Motley Moose – Archive

Since 2008 – Progress Through Politics

Occupy Together Everywhere

Occupy DC yesterday was a hoot.  I had a great time.  I wish I was 20 years younger, because I really wanted to stay overnight.  But my spine just cannot handle sleeping on the ground any more.  Even just sitting on the pavement in the giant human 99 hurt.  Besides, my wonderful, handy, hard-working husband Just. Can’t. Cook., so I need to be here to feed him!

We have more occupy sites popping up — the Wilmington area, Dover, Annapolis, Baltimore, Philadelphia.  This is great.  We need the energy these gatherings generate to fuel us through the rough times we currently endure.  And we have to take this energy home.  We need to incorporate it into our daily lives.  So let’s think about this for a minute.  We need to occupy ourselves, and make this into a truly national, organic, holistic movement.
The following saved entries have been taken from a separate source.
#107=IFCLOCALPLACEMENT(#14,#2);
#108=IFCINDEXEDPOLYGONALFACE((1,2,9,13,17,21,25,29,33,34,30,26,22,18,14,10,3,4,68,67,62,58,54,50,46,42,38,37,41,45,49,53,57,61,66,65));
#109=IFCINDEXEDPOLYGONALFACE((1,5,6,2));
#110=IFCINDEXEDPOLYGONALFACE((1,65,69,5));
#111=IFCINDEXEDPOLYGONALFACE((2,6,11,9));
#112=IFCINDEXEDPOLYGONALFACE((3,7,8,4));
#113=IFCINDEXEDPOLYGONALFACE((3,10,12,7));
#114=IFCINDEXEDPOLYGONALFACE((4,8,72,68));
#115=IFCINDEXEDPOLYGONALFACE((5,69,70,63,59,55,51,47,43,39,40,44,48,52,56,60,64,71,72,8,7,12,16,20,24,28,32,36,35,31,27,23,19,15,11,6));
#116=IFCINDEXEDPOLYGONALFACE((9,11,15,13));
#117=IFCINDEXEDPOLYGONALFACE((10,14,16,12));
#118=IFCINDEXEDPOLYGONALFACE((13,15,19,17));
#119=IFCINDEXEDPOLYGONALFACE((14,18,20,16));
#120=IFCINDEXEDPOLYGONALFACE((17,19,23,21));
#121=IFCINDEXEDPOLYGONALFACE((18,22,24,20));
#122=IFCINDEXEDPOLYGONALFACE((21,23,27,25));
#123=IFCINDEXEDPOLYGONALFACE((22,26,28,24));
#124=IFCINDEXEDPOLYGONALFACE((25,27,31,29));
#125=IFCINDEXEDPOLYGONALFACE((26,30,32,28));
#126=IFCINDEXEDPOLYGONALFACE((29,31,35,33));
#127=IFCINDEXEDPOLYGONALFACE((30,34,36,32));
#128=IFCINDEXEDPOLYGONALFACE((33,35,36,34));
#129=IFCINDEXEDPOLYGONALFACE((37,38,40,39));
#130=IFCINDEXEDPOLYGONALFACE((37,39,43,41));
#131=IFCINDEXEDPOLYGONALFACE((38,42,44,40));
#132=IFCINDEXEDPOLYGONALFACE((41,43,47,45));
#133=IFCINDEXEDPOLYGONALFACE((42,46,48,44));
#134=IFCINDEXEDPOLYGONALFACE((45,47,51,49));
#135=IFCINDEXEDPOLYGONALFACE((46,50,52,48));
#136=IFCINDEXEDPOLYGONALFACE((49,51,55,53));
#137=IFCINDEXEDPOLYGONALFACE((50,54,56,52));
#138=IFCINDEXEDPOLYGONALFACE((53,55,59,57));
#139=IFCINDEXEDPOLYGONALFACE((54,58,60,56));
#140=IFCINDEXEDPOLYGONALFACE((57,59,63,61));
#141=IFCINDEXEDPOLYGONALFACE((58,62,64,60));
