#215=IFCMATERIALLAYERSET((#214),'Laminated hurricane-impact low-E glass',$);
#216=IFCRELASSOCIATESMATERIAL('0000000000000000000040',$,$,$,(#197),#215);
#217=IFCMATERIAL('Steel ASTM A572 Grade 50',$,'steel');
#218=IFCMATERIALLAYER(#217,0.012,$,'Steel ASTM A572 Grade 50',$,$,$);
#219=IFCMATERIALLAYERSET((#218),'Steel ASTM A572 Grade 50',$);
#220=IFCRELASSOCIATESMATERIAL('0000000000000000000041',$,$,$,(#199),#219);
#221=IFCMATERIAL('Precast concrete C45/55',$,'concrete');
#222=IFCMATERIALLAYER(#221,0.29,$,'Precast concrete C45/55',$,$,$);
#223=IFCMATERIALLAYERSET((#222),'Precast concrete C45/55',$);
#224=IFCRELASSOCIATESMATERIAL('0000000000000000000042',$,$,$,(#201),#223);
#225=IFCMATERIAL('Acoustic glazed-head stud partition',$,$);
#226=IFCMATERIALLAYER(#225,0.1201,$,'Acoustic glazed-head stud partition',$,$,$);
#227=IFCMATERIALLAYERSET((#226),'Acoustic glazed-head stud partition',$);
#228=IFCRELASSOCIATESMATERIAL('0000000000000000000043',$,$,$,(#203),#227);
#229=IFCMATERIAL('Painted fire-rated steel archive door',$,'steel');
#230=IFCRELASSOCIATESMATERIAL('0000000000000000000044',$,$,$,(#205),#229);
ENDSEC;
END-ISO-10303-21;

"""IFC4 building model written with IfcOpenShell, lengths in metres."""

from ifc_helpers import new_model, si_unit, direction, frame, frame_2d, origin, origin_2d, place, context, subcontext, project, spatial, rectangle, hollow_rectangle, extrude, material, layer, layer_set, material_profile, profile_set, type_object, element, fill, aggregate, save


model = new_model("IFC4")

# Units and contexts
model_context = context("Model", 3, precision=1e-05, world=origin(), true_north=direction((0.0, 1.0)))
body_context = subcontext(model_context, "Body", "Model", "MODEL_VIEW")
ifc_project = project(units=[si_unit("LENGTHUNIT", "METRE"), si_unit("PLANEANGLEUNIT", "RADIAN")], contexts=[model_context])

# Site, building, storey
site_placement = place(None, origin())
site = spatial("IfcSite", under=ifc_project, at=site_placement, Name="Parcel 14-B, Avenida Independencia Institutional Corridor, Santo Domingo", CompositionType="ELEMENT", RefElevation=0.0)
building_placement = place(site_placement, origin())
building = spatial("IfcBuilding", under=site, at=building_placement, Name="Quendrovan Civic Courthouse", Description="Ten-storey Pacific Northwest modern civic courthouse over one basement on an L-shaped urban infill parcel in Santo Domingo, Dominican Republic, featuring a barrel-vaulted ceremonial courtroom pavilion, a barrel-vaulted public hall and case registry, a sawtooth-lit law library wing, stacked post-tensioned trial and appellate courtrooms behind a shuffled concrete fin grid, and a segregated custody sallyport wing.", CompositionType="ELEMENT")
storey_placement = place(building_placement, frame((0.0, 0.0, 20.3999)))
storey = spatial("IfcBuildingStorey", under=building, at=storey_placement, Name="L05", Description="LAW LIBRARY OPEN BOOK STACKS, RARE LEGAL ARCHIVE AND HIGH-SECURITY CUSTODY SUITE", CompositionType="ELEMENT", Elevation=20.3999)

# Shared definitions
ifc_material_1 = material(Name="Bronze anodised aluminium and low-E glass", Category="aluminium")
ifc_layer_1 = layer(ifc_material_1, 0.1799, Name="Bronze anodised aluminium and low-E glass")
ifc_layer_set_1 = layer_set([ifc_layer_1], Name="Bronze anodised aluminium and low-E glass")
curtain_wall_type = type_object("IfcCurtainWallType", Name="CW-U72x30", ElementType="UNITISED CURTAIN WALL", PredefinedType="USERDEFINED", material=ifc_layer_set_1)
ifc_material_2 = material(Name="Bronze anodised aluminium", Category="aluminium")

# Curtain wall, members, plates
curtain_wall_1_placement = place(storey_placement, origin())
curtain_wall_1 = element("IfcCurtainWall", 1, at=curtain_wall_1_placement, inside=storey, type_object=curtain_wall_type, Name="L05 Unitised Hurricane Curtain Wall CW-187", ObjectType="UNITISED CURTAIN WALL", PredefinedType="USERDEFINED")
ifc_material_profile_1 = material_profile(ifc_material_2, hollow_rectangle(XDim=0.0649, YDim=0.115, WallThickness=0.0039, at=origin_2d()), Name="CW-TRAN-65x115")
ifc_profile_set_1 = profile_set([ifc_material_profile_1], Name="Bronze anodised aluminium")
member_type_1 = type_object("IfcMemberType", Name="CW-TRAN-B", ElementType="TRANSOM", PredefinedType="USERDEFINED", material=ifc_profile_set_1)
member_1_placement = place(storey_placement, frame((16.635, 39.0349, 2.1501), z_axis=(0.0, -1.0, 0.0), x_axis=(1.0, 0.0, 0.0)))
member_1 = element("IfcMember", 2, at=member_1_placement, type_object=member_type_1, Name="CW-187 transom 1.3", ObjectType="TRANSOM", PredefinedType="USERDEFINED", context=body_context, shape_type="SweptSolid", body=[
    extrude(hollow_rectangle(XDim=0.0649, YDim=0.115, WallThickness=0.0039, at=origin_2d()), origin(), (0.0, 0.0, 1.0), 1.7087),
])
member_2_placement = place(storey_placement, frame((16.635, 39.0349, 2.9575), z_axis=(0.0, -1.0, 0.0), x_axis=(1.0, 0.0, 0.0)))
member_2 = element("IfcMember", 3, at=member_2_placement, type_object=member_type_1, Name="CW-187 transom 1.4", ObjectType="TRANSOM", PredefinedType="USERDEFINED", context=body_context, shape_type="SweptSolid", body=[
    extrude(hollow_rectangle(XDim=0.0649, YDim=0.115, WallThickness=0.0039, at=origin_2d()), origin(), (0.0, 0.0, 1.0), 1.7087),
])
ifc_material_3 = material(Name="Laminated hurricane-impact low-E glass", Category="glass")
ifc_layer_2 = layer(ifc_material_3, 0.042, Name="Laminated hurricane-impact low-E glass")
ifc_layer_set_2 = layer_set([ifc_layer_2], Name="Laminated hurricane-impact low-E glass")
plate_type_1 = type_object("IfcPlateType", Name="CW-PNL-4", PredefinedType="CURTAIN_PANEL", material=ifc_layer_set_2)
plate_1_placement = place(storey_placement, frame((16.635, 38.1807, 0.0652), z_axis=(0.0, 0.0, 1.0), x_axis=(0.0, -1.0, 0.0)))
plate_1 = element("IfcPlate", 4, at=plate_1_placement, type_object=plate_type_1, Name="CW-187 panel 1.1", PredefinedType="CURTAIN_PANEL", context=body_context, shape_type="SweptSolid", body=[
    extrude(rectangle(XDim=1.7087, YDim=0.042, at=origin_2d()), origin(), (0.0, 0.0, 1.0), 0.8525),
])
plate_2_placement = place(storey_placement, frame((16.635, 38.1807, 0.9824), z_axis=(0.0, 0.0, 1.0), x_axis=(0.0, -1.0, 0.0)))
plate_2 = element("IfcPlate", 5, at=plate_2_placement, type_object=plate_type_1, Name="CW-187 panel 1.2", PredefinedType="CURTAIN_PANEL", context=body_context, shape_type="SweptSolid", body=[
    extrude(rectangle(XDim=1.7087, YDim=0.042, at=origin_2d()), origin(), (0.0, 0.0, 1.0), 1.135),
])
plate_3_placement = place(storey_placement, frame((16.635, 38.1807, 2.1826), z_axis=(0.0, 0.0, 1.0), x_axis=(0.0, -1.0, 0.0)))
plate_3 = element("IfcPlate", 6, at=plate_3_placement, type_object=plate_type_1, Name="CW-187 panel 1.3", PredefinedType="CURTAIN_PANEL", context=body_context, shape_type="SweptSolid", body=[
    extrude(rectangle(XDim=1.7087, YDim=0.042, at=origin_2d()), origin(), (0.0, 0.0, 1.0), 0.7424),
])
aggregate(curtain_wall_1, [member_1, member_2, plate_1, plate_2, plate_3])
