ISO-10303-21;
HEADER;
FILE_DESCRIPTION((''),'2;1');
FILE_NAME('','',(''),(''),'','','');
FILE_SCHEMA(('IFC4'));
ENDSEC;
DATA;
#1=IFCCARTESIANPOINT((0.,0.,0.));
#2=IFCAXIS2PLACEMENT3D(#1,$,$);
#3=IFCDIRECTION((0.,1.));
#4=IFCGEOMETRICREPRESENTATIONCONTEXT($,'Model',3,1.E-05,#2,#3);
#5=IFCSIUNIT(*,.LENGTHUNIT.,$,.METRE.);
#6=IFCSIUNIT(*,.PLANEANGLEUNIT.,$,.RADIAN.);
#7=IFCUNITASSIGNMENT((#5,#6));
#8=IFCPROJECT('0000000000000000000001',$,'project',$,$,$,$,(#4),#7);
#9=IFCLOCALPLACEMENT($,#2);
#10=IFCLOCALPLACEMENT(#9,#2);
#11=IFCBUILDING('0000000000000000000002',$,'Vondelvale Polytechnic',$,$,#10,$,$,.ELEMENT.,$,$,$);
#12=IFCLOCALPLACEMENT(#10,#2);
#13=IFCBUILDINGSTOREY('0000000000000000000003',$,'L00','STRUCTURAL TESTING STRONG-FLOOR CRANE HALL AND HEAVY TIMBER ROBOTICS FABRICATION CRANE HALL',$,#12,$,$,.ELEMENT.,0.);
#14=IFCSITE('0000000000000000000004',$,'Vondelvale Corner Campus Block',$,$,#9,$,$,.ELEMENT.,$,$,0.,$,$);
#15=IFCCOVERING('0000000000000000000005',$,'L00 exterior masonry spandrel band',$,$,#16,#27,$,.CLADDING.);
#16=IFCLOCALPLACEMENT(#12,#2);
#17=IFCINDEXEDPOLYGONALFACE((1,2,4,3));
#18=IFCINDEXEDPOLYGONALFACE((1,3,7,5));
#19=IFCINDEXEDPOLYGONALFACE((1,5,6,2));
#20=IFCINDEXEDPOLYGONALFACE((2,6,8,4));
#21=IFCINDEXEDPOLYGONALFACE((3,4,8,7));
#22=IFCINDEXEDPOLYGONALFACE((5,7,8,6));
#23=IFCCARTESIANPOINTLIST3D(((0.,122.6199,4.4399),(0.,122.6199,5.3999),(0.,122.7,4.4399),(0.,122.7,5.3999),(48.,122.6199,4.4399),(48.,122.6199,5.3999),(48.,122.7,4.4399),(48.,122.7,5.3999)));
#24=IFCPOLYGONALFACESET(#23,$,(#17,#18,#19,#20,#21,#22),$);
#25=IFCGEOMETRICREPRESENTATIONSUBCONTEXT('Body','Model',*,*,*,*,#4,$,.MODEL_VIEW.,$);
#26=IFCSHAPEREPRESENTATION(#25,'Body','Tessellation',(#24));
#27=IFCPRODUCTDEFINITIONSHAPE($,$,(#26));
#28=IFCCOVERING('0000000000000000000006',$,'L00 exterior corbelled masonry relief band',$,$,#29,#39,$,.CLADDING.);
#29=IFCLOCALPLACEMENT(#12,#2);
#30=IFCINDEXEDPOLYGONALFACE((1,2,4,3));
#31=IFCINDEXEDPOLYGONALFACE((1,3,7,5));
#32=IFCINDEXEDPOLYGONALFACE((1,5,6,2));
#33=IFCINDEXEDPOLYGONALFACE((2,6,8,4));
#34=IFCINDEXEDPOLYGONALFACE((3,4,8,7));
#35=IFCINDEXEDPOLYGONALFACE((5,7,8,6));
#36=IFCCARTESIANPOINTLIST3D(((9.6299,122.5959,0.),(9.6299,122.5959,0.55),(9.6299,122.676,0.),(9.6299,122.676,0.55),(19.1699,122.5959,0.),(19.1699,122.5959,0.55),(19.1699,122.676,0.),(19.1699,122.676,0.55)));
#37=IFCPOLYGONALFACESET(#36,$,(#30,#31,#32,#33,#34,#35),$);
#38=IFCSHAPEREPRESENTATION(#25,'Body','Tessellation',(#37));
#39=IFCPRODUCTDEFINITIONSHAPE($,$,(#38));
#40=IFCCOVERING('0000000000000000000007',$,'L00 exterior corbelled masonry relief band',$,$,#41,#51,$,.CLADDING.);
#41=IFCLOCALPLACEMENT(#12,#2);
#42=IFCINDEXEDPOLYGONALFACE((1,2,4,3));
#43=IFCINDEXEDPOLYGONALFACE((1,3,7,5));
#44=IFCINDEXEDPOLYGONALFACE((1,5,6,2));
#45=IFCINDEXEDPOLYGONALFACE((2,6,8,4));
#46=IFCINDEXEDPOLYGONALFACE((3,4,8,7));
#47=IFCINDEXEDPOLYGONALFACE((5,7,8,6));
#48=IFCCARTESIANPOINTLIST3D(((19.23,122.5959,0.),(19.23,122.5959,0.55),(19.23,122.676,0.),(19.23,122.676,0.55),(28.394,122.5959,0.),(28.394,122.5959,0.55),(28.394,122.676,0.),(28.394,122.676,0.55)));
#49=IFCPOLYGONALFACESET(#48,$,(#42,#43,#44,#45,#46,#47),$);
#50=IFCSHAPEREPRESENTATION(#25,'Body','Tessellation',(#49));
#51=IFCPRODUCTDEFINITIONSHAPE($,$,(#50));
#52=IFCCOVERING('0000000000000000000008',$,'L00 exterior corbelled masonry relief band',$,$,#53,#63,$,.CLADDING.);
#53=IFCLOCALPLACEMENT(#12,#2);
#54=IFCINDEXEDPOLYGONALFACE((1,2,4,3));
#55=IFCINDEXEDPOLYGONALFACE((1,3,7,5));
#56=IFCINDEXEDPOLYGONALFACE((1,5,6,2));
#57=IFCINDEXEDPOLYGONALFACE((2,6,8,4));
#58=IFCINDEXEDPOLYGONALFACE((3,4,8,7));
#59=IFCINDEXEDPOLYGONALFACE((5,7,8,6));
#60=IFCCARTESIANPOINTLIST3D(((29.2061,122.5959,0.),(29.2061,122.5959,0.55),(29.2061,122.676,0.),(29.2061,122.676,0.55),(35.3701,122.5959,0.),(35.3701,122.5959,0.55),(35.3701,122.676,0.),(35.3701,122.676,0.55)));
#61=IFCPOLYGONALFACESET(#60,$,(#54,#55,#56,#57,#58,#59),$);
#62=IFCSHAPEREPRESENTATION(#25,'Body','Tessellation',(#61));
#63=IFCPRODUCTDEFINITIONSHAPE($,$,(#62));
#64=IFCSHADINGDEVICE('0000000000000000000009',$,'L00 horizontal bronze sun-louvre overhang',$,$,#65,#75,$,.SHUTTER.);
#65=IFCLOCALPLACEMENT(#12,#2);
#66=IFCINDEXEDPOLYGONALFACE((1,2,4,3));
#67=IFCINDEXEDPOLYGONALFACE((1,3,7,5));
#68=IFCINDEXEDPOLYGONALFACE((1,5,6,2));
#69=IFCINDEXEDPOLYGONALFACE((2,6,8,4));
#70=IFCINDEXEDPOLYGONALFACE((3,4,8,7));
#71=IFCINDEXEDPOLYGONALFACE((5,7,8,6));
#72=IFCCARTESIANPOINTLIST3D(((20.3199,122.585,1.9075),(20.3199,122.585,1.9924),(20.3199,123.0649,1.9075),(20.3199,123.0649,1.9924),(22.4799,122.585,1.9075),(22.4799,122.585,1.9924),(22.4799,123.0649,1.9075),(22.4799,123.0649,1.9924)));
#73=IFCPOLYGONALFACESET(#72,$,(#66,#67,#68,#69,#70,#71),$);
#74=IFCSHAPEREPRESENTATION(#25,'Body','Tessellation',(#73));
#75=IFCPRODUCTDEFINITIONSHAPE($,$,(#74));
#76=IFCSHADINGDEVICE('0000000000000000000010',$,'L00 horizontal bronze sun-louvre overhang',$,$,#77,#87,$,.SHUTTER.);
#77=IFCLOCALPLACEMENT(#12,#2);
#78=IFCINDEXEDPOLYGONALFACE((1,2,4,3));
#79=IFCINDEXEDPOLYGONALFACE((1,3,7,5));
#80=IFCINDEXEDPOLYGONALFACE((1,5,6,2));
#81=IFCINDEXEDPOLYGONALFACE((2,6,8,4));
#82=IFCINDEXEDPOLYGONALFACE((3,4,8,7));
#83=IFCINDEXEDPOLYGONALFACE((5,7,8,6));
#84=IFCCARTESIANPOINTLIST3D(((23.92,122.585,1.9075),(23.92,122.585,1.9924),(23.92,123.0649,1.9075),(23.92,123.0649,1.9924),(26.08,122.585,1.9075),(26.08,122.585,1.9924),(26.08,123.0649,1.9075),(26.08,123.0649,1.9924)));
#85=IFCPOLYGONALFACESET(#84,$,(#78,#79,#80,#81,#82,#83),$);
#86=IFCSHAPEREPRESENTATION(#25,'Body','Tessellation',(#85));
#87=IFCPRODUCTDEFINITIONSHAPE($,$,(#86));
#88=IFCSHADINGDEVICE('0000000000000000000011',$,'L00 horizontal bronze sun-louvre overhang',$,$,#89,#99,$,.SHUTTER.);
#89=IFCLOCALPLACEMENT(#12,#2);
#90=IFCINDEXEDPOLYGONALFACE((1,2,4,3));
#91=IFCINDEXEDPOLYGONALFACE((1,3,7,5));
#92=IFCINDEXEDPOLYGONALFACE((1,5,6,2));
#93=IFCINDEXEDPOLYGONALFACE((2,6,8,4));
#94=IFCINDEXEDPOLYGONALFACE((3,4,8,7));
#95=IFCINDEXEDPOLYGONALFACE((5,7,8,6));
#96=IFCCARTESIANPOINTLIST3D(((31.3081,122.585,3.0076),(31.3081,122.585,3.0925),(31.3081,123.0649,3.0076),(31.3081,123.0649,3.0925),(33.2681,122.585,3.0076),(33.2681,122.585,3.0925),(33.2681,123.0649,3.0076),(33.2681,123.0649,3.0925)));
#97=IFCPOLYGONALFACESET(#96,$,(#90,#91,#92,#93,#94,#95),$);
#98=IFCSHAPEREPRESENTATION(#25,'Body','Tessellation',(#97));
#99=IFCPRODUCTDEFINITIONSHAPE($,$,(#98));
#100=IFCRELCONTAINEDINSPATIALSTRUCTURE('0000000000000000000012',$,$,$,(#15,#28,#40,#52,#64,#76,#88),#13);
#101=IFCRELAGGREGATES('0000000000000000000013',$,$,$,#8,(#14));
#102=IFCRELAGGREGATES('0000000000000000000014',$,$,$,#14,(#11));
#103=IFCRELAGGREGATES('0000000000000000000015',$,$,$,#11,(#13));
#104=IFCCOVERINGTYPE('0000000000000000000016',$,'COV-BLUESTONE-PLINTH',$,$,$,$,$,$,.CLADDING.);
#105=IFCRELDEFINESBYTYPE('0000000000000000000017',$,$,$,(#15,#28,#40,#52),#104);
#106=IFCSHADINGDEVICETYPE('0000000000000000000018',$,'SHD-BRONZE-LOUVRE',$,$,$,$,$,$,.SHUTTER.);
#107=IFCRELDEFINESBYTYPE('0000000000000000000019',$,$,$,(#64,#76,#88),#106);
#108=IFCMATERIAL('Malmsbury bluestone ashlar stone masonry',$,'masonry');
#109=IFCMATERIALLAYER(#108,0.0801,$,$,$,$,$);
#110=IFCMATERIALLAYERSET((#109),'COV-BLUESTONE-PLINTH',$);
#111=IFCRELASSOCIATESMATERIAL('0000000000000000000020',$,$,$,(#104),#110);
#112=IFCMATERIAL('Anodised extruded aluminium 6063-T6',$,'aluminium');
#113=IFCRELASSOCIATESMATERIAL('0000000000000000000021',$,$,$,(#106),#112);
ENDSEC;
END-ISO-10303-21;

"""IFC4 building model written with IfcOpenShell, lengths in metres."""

from ifc_helpers import new_model, si_unit, direction, frame, origin, origin_2d, place, context, subcontext, project, spatial, rectangle, extrude, material, layer, layer_set, type_object, element, save


model = new_model("IFC4")

# Units and contexts
model_context = context("Model", 3, precision=1e-05, world=origin(), true_north=direction((0.0, 1.0)))
body_context = subcontext(model_context, "Body", "Model", "MODEL_VIEW")
ifc_project = project(units=[si_unit("LENGTHUNIT", "METRE"), si_unit("PLANEANGLEUNIT", "RADIAN")], contexts=[model_context])

# Site, building, storey
site_placement = place(None, origin())
site = spatial("IfcSite", under=ifc_project, at=site_placement, Name="Vondelvale Corner Campus Block", CompositionType="ELEMENT", RefElevation=0.0)
building_placement = place(site_placement, origin())
building = spatial("IfcBuilding", under=site, at=building_placement, Name="Vondelvale Polytechnic", CompositionType="ELEMENT")
storey_placement = place(building_placement, origin())
storey = spatial("IfcBuildingStorey", under=building, at=storey_placement, Name="L00", Description="STRUCTURAL TESTING STRONG-FLOOR CRANE HALL AND HEAVY TIMBER ROBOTICS FABRICATION CRANE HALL", CompositionType="ELEMENT", Elevation=0.0)

# Shared definitions
ifc_material_1 = material(Name="Malmsbury bluestone ashlar stone masonry", Category="masonry")

# Shared definitions
ifc_material_2 = material(Name="Anodised extruded aluminium 6063-T6", Category="aluminium")

# Coverings
ifc_layer_1 = layer(ifc_material_1, 0.0801)
ifc_layer_set_1 = layer_set([ifc_layer_1], Name="COV-BLUESTONE-PLINTH")
covering_type = type_object("IfcCoveringType", Name="COV-BLUESTONE-PLINTH", PredefinedType="CLADDING", material=ifc_layer_set_1)
covering_1_placement = place(storey_placement, frame((24.0, 122.6599, 4.4399), z_axis=(0.0, 0.0, 1.0), x_axis=(1.0, 0.0, 0.0)))
element("IfcCovering", 1, at=covering_1_placement, inside=storey, type_object=covering_type, Name="L00 exterior masonry spandrel band", PredefinedType="CLADDING", context=body_context, shape_type="SweptSolid", body=[
    extrude(rectangle(XDim=48.0, YDim=0.0801, at=origin_2d()), origin(), (0.0, 0.0, 1.0), 0.96),
])
covering_2_placement = place(storey_placement, frame((14.3999, 122.636, 0.0), z_axis=(0.0, 0.0, 1.0), x_axis=(1.0, 0.0, 0.0)))
element("IfcCovering", 2, at=covering_2_placement, inside=storey, type_object=covering_type, Name="L00 exterior corbelled masonry relief band", PredefinedType="CLADDING", context=body_context, shape_type="SweptSolid", body=[
    extrude(rectangle(XDim=9.54, YDim=0.0801, at=origin_2d()), origin(), (0.0, 0.0, 1.0), 0.55),
])
covering_3_placement = place(storey_placement, frame((23.812, 122.636, 0.0), z_axis=(0.0, 0.0, 1.0), x_axis=(1.0, 0.0, 0.0)))
element("IfcCovering", 3, at=covering_3_placement, inside=storey, type_object=covering_type, Name="L00 exterior corbelled masonry relief band", PredefinedType="CLADDING", context=body_context, shape_type="SweptSolid", body=[
    extrude(rectangle(XDim=9.1641, YDim=0.0801, at=origin_2d()), origin(), (0.0, 0.0, 1.0), 0.55),
])
covering_4_placement = place(storey_placement, frame((32.2881, 122.636, 0.0), z_axis=(0.0, 0.0, 1.0), x_axis=(1.0, 0.0, 0.0)))
element("IfcCovering", 4, at=covering_4_placement, inside=storey, type_object=covering_type, Name="L00 exterior corbelled masonry relief band", PredefinedType="CLADDING", context=body_context, shape_type="SweptSolid", body=[
    extrude(rectangle(XDim=6.1641, YDim=0.0801, at=origin_2d()), origin(), (0.0, 0.0, 1.0), 0.55),
])

# Shading devices
shading_device_type = type_object("IfcShadingDeviceType", Name="SHD-BRONZE-LOUVRE", PredefinedType="SHUTTER", material=ifc_material_2)
for number, where, z_axis, x_axis, name in (
    (5, (21.3999, 122.825, 1.9075), (0.0, 0.0, 1.0), (1.0, 0.0, 0.0), "L00 horizontal bronze sun-louvre overhang"),
    (6, (25.0, 122.825, 1.9075), (0.0, 0.0, 1.0), (1.0, 0.0, 0.0), "L00 horizontal bronze sun-louvre overhang"),
):
    element("IfcShadingDevice", number, at=place(storey_placement, frame(where, z_axis=z_axis, x_axis=x_axis)), inside=storey, type_object=shading_device_type, Name=name, PredefinedType="SHUTTER", context=body_context, shape_type="SweptSolid", body=[
        extrude(rectangle(XDim=2.1599, YDim=0.48, at=origin_2d()), origin(), (0.0, 0.0, 1.0), 0.085),
    ])
shading_device_placement = place(storey_placement, frame((32.2881, 122.825, 3.0076), z_axis=(0.0, 0.0, 1.0), x_axis=(1.0, 0.0, 0.0)))
element("IfcShadingDevice", 7, at=shading_device_placement, inside=storey, type_object=shading_device_type, Name="L00 horizontal bronze sun-louvre overhang", PredefinedType="SHUTTER", context=body_context, shape_type="SweptSolid", body=[
    extrude(rectangle(XDim=1.96, YDim=0.48, at=origin_2d()), origin(), (0.0, 0.0, 1.0), 0.085),
])

save(model, "model.ifc")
We need to occupy together everywhere.



What do you mean by this, Noor? you ask.

Okay.  Think a moment.  What else does occupy mean?  What other definitions of the word occupation are there?  This movement started with the sense of taking up a position in space.  There’s a military connotation here, in the sense of occupying conquered territory in a disciplined, orderly manner.  But to occupy oneself — to do something, to immerse oneself in a creative process, the practice of a craft and a skill — now we are talking about a truly creative revolution.  Take up an occupation:  do something you love and don’t worry about money.  Make something beautiful, or useful, or do something nurturing and loving.  Make new communities, everywhere, of people exchanging the gifts of their hands, their minds, their creativity, their caring.  Let’s make this a national swap meet, a national freeshare.



Unemployed or underemployed, frustrated and bored?  Listen up.  Read carefully.  I think I’ve found a way out of our morass.  The Facebook pages will give people local ways to reach other occupiers in the various cities.  I’d love it if the OccupyTogether people would steal my idea and set up a connections page.



Losing weight?  Don’t just take your clothes to Goodwill — unless you really are sick of wearing the same ol’, same ol’.  Can you sew?  Great!  Take that shirt, that dress, that skirt, those pants, that jacket apart and resize it.  Add some personal detail to it.  You can’t sew?  Okay, there are people like me who can, and will, restyle your clothes for you, and the odds are good we need something done that we just can’t do ourselves, because we don’t have the skill set.  You could make us business cards on your computer so we can print out our own, or mow our grass, weed and do fall garden clean-up chores, or do an oil change on your exchange partner’s car.  Or swap out drywall repair, or detailing the car, or for the hunters among you, a side of venison ground up for winter chili or dog food.  Your blue jeans are gigantic, and we all know they are a pain in the ass to resize — it’s the rivets and the layers in the hems and flat-felled seams.  A lot of home sewing machines just can’t manage those layers.  Find others who have also lost weight and can’t wear the size you need — make a round-robin of this, cycle the blue jeans through the network until they find someone who needs them.  You’ll get the size you need.  You say you can spin but you can’t knit and you need new socks? (This would be me.  My knitting looks awful.  And I’ve got tons of handspun wool.)  Find a knitter, offer him or her a big skein of handspun for their own use if they’ll take another skein and knit you some socks.  Got a bumper crop of zucchini you’re staring at, wondering how the hell you’re going to eat it all before the first frost?  Need someone to tutor your child in math?  Got a gorgeous framed print from a parent’s closed-down home that’s too good for a yard sale, but doesn’t suit your tastes?  Need someone to fix the wiring in a lamp you love, but you don’t have the tools to do it?  Trade skills.  Trade knowledge.  Trade stuff.



When we do this, we don’t just adhere to the old maxim “waste not, want not” that got our grandparents through the Great Depression.  We also help each other create meaningful lives.  Even better, we keep what little money we might have and screw the corporate greedheads who thrive on our shopping habits, our need for services that they monopolize, corporatize, and charge big bucks for when we don’t have it.  We’ve been knocking on the doors, screaming our thousand million questions in frustration and fury.  This is our answer.  This is our creative peaceful revolution.  This is our constructive conscientious refusal to play their games.



In the process, we will keep ourselves busy, we will find ourselves feeling useful, we will start the journey out of black despair back into light and joy.  We will heal our spirits.  We will find wholeness.  We will prove to the corporate world that we are stronger than they are, that we really and truly do not need them — but they cannot exist without us.  We will break free from their cage.